Overview of Batch Job and its configuration parameters:

Batch Processing is only available in Mule EE (MuleSoft Enterprise Edition)

General -> Name: Name of the Batch JOB Activity in Mule Flow

General -> Max Failed Records: Mule has three options for handling a record-level error: Finish processing, Continue processing and Continue processing until the batch job accumulates a maximum number of failed records. This behavior can be controlled by Max Failed Records.

  • The default value is Zero which corresponds to Finish processing.
  • The value -1, corresponds to Continue processing.
  • The value +ve integer, corresponds to Continue processing until the batch job accumulates a maximum number of failed records

General -> Scheduling Strategy: Scheduling Strategy decides now more than 1 Batch instance will run in case others start before current batch job finishes.

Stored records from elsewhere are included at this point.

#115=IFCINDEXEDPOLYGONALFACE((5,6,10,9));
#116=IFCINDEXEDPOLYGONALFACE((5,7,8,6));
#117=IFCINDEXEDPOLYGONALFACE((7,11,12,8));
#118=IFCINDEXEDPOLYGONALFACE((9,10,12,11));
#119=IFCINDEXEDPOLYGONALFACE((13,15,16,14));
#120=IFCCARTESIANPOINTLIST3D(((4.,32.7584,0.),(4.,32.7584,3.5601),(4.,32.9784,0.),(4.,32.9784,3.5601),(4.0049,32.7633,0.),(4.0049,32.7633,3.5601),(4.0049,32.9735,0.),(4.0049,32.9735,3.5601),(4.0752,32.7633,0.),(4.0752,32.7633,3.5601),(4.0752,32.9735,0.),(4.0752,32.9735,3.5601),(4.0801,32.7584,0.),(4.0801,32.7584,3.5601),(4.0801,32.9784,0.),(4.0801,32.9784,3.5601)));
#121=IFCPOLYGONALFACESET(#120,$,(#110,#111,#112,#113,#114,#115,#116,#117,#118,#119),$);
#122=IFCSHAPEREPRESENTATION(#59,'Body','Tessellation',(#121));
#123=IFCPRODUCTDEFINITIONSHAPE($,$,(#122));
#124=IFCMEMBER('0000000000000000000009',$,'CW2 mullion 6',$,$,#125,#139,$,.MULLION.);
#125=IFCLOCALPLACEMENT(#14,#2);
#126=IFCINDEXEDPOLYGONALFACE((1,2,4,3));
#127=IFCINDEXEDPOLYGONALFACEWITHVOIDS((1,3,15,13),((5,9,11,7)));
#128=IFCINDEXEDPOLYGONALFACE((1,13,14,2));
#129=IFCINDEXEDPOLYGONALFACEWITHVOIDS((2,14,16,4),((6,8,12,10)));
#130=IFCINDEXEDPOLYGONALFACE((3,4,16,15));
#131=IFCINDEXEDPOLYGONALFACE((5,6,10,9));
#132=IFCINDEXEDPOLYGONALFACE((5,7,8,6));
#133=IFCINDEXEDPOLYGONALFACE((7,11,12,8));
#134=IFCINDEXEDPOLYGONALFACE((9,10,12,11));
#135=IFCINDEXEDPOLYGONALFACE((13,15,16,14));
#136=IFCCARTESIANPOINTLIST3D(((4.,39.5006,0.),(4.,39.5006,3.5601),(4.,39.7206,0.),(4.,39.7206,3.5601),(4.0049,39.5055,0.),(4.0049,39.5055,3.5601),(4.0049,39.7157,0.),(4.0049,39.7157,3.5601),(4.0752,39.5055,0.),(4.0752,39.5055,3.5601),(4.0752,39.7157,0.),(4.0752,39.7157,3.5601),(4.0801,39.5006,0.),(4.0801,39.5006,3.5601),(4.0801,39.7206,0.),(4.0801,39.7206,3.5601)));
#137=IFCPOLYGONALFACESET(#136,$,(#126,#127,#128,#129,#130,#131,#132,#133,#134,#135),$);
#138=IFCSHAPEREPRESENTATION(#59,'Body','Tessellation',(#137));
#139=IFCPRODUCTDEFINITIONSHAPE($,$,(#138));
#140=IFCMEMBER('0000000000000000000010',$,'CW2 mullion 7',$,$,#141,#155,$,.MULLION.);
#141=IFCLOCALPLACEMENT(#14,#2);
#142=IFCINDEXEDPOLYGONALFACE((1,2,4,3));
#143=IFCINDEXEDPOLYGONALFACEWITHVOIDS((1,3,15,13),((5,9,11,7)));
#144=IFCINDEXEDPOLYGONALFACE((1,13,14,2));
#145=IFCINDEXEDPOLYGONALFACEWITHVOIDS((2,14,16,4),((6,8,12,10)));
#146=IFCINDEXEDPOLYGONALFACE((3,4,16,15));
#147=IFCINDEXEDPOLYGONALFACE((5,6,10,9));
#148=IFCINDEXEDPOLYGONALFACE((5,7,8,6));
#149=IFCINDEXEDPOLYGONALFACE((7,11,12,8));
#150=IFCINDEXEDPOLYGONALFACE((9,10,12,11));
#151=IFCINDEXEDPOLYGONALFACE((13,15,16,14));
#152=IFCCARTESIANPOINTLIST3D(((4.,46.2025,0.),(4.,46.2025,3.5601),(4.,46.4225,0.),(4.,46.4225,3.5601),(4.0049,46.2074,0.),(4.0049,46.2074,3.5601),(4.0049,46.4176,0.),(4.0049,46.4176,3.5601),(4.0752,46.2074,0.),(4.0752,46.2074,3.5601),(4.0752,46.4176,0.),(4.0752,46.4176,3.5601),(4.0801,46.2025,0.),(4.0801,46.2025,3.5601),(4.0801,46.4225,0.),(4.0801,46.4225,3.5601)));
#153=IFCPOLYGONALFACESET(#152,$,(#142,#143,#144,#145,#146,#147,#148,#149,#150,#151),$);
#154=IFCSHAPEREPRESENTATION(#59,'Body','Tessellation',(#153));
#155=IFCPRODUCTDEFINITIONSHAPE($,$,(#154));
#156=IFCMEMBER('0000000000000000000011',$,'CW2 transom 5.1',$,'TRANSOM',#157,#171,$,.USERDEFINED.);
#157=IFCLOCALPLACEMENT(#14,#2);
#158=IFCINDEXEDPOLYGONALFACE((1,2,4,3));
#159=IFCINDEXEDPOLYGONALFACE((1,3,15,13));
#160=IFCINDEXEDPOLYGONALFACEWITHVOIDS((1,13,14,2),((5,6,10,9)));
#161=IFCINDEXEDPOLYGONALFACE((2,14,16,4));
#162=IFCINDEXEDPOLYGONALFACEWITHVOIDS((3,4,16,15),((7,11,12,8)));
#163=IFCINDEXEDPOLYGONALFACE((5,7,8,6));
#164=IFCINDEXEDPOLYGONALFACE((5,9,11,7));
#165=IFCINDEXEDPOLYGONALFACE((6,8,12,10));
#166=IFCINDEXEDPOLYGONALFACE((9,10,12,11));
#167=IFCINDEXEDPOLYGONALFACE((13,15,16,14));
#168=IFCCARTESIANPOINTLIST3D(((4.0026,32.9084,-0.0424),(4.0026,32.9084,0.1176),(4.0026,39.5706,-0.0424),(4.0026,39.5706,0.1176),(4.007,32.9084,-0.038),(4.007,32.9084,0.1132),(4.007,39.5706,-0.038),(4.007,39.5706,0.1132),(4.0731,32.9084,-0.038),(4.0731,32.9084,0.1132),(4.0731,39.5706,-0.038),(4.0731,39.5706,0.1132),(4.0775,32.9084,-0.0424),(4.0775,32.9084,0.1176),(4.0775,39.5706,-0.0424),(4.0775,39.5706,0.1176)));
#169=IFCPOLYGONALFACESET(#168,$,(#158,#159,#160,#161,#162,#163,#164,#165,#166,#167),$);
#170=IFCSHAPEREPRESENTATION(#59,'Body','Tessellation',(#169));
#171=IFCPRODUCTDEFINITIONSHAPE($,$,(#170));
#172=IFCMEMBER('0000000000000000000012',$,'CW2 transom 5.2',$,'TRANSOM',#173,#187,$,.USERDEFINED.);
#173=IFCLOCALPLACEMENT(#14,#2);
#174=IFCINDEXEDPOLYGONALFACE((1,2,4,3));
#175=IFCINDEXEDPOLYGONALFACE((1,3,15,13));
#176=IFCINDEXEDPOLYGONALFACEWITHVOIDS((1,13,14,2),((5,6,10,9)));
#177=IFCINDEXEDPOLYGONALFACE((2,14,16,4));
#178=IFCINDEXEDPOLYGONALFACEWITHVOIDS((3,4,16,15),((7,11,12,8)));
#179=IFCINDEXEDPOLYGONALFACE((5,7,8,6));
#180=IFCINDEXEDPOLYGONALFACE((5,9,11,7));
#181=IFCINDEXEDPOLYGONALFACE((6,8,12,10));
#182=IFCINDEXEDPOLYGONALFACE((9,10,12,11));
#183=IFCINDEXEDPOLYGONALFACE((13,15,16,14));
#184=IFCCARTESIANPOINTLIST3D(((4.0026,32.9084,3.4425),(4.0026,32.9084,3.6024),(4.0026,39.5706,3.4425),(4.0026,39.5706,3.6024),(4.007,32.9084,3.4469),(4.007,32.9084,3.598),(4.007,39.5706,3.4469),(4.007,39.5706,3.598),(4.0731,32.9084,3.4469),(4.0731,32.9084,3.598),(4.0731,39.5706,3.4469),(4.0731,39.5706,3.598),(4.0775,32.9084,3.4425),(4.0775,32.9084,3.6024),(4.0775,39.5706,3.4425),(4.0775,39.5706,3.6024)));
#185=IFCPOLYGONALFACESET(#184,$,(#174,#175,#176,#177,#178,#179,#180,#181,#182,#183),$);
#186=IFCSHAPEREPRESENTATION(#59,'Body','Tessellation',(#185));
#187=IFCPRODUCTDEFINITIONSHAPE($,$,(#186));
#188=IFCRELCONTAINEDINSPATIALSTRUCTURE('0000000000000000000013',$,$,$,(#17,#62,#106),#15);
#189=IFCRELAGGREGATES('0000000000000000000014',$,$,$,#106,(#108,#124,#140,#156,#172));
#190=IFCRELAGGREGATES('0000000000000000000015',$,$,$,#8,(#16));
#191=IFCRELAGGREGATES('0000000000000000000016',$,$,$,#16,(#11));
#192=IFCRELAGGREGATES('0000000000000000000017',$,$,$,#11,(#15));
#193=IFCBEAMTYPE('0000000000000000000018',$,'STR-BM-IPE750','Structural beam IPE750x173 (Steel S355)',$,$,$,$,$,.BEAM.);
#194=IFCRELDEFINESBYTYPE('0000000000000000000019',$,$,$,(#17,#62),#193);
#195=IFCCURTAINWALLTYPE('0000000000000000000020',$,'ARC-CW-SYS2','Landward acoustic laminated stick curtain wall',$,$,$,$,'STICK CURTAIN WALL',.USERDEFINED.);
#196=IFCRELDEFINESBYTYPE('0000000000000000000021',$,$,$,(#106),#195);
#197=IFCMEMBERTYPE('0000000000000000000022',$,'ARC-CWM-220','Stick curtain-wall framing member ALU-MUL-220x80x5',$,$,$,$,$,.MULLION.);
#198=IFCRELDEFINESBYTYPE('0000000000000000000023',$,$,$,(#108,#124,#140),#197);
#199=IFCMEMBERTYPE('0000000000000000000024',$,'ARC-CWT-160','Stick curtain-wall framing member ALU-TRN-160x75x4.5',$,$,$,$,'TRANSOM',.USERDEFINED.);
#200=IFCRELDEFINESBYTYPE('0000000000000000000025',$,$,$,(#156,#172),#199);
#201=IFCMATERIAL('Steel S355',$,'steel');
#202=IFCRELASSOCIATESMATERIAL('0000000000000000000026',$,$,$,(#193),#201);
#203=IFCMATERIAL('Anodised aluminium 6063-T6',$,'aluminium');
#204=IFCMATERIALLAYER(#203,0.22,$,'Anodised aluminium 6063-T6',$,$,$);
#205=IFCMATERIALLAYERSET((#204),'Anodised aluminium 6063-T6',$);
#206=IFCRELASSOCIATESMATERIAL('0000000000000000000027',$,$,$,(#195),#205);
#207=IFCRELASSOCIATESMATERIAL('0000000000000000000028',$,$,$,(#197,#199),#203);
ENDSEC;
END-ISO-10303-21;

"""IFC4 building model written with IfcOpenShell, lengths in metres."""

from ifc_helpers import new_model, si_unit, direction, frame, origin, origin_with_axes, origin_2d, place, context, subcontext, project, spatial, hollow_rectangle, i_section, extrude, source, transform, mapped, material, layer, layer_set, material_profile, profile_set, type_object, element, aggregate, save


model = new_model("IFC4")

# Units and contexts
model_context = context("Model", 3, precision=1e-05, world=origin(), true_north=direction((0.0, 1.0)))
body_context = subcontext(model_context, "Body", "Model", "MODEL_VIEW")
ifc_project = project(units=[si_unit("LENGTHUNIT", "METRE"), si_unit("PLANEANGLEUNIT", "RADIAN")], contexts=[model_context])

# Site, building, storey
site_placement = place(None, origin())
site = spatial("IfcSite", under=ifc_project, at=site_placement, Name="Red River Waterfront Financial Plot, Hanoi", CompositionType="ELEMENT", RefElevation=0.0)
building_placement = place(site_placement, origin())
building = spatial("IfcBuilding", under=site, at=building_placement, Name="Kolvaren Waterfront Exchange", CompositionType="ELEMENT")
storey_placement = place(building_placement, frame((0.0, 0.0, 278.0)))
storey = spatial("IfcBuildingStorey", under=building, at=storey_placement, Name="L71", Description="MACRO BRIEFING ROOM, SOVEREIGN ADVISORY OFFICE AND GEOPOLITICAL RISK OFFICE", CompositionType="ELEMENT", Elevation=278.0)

  • ORDERED_SEQUENTIAL (Default)
  • ROUND_ROBIN

General -> Job Instance ID: By default the Batch Job Instance ID is created as UUID automatically by MuleSoft however this field can be used to overwrite default behavior

General -> Batch Block Size: Number of records treated as chunks and processed by one thread. Default value is 100.

General -> Max Concurrency: Max number of Thread to start to process different blocks in parallel. Default and Max Value is 16.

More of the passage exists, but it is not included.